# Clean Ride - Motorcycle Detailing



## RROSSI

Hi DW Members


This is a guide I have written for my local Motorcycle club, 

for the last 2 years I have made the transition from cars to bikes and have been loving it, I never thoughts I would like bikes so much and become one of them.....hahah I still love cars but ...

anyway a few years ago I met a detailer and he showed me the ropes and I bought a bunch of Swissvax gear as it was the best?
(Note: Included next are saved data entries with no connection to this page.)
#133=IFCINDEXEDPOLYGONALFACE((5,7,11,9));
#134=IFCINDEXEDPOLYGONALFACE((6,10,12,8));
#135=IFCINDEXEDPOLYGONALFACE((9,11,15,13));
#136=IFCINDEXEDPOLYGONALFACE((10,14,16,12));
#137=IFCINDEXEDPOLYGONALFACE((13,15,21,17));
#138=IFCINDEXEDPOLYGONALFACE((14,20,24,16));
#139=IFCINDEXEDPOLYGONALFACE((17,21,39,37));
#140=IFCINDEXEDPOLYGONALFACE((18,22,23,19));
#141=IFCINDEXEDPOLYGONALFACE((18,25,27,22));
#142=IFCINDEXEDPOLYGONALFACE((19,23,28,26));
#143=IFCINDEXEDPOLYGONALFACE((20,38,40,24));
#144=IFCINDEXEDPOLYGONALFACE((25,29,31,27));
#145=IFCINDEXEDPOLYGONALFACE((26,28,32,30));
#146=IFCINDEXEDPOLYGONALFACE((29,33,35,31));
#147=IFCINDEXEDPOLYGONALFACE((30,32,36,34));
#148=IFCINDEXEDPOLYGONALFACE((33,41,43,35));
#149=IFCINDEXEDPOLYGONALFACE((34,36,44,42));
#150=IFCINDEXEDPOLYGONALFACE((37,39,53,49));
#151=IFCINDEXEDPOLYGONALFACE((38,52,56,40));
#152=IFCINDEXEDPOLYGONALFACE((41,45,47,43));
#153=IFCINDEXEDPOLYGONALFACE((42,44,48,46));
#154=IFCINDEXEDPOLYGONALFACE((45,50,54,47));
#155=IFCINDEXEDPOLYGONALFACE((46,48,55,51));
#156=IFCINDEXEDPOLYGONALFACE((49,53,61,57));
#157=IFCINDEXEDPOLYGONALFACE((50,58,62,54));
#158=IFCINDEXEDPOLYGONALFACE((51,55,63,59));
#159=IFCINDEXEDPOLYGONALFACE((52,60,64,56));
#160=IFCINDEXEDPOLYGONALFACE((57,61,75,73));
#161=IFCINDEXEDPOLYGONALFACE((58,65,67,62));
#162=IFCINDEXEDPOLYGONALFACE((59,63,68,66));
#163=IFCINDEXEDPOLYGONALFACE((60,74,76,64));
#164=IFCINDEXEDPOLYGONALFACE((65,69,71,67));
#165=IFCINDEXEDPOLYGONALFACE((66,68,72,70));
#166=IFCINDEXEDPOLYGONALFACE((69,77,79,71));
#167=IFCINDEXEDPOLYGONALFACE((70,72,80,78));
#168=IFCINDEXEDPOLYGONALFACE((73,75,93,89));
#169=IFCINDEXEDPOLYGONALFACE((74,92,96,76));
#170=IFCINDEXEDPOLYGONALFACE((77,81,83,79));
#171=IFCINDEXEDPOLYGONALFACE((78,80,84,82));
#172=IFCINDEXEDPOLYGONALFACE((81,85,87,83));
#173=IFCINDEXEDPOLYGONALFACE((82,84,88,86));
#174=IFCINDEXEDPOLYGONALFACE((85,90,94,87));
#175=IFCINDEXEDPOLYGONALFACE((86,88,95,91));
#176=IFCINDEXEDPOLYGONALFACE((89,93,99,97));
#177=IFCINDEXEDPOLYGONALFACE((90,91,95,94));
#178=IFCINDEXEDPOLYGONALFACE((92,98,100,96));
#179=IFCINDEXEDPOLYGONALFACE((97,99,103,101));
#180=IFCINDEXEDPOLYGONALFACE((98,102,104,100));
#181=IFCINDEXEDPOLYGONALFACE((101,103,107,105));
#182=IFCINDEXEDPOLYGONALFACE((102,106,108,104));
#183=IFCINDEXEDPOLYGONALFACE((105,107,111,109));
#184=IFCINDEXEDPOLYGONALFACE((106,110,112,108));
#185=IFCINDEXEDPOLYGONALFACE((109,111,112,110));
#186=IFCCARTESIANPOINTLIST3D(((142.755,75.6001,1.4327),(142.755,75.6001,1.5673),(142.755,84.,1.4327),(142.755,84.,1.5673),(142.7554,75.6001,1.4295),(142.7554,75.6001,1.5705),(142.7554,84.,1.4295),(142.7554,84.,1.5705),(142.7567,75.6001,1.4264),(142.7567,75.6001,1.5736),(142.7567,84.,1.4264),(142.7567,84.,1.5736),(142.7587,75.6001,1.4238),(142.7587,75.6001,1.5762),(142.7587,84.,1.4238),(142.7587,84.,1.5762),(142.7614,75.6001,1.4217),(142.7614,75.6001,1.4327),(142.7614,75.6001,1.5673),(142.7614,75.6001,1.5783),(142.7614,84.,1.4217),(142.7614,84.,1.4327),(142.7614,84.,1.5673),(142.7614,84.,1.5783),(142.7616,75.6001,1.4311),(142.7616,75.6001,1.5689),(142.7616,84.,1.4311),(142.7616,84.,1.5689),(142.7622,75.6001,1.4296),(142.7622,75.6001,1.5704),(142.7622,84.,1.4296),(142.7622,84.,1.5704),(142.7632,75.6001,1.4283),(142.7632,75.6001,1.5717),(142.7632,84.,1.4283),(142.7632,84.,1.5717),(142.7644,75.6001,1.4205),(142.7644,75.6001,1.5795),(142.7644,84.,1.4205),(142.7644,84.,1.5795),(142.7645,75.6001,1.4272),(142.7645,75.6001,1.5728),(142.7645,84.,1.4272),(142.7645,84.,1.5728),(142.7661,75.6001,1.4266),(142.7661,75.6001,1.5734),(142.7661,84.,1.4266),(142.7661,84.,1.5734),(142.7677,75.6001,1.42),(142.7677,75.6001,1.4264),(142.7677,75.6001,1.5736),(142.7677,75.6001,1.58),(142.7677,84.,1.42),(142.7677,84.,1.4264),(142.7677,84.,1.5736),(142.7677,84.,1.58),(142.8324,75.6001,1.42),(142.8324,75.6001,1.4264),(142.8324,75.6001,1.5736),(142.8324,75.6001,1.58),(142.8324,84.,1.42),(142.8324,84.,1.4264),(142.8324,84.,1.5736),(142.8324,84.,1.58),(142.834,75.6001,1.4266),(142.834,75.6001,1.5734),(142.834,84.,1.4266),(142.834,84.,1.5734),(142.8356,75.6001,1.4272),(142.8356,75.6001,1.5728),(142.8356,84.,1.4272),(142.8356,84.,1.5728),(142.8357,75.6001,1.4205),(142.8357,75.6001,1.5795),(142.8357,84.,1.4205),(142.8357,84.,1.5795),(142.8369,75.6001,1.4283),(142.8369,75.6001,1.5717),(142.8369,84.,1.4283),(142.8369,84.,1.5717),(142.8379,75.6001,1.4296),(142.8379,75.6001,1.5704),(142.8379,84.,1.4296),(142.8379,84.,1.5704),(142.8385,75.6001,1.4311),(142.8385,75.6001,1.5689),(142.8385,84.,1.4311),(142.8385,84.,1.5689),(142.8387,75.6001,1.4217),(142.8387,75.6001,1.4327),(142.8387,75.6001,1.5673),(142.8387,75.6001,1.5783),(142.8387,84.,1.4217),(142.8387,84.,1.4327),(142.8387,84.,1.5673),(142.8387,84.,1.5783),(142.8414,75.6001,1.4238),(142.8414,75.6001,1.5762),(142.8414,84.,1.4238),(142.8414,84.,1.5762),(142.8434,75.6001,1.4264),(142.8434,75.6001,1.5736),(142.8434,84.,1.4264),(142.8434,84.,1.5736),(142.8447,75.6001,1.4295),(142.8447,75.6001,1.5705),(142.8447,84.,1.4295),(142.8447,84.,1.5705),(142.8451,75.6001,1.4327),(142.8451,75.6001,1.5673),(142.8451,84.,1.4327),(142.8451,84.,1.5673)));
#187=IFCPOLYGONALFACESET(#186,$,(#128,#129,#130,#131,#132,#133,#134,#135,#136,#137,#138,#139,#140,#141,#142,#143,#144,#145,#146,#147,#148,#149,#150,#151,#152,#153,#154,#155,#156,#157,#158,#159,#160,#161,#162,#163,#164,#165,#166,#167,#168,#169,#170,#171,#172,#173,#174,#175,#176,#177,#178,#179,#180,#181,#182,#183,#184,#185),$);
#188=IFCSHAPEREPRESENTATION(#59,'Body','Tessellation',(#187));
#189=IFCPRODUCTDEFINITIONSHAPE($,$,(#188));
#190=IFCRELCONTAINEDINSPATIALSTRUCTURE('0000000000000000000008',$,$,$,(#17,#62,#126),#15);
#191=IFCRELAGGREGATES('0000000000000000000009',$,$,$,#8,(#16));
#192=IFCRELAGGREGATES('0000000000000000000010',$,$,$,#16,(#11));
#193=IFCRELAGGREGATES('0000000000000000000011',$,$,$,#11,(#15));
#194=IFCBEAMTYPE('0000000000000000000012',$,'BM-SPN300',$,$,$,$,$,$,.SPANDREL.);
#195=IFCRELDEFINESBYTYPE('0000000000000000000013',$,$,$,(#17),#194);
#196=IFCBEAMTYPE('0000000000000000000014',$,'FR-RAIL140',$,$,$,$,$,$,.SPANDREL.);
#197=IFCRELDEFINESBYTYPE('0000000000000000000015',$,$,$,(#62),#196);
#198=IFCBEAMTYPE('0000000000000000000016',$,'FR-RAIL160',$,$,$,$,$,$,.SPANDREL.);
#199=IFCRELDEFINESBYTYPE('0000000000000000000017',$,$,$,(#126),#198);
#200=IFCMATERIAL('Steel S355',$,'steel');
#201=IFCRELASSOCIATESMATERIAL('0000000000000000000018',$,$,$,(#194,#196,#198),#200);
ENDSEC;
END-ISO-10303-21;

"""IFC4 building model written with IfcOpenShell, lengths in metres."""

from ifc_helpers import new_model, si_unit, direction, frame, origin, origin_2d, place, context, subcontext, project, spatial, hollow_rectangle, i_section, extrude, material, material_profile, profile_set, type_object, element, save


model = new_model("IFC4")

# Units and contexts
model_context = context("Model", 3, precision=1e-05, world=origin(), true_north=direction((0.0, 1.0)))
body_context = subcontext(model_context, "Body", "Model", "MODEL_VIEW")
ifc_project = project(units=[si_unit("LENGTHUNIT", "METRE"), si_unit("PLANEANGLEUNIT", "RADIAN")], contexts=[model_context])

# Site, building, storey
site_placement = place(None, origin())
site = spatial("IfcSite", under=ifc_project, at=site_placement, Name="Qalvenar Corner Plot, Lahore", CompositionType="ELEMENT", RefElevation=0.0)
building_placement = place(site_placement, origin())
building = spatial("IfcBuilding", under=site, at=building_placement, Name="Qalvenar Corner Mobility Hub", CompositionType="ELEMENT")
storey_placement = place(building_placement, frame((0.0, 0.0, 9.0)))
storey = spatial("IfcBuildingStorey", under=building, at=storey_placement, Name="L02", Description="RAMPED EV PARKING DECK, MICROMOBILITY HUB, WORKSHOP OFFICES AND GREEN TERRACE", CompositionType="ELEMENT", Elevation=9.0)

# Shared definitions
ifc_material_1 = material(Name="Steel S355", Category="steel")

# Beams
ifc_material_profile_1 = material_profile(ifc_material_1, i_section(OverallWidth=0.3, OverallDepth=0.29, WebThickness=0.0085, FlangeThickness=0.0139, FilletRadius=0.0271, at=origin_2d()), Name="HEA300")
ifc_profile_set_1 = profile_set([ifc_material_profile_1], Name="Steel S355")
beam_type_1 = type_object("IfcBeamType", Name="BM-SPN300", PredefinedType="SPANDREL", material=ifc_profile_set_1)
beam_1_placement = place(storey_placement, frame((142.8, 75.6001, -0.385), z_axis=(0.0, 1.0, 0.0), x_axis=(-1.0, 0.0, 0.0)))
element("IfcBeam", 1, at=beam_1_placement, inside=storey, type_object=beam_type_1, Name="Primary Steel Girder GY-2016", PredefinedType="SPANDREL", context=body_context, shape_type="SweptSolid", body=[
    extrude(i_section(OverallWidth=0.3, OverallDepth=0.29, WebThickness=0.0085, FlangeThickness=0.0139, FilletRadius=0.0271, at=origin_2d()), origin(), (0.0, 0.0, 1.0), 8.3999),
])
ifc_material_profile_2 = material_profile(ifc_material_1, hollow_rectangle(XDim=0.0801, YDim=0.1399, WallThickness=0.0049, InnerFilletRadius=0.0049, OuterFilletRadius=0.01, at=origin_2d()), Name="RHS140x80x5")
I spent a bit, posted a little bit on here and just enjoyed the serenity in cleaning and detailing, bikes were just that little bit harder but more rewarding for me, I kept my own bikes x5 in really mint better than showroom condition and every second person was asking me for a detail, I’m sure you know where this is heading so a few months back I bit the bullet and started a registered and fully insured business on the side that I may or may not grow into my full time job, its just a really good step for me as I ahve a fantastic job that pays very well and can’t afford to go backwards to much, any way here is my detail on my brand new Honda CBR1000RR 2012

Oh and happy for any feed back at all good or bad, I’m no pro by any stretch of the imagination I just enjoy the work and get great satisfaction,

Yours humbly R.Rossi


----------



## RROSSI

Firstly, This is not really well written or the easiest to follow so apologies if it upsets you or there are too many pictures or if you think this is a total waste of time, I should/could be spending my time doing something better, for me its like painting a picture, knitting a jumper, I don't know relaxing, I can switch my mind off and watch the hours go by but it seems like only minutes, some people go for walks on the beach, some people mediate,

I DETAIL.....

Came back today from an awesome country ride, just cracked 4200km on the CBR and I'm loving every minute of it, next week I'm at the track and will be having even more fun, only drama...

its filthy from my ride:





so just a quick run down on how I made this right 

Pre-wash with AutoGlym shampoo cleaner, this is a foam that brakes down the dirt, the least amount of dirt you need to wipe off the least amount of scratches



sits for about 3-5 mins but never is allowed to dry



Then a gentle wash to remove the bugs and grit:



quite a bit has come off



now time for the first wash with Lambs wool



I use Auto Glym Shampoo & Conditioner as it doesn't leave a heavy residue and is low foam



wash from top to bottom- this is where most would leave it but its still dirty--

what is left is marks and bug guts that has embedded into the paint, we need to use a fine cut clay bar, there are many different grades



this is a bit of what were talking about, this is tar and crap that is stuck to the paint and a wash just will not get it out.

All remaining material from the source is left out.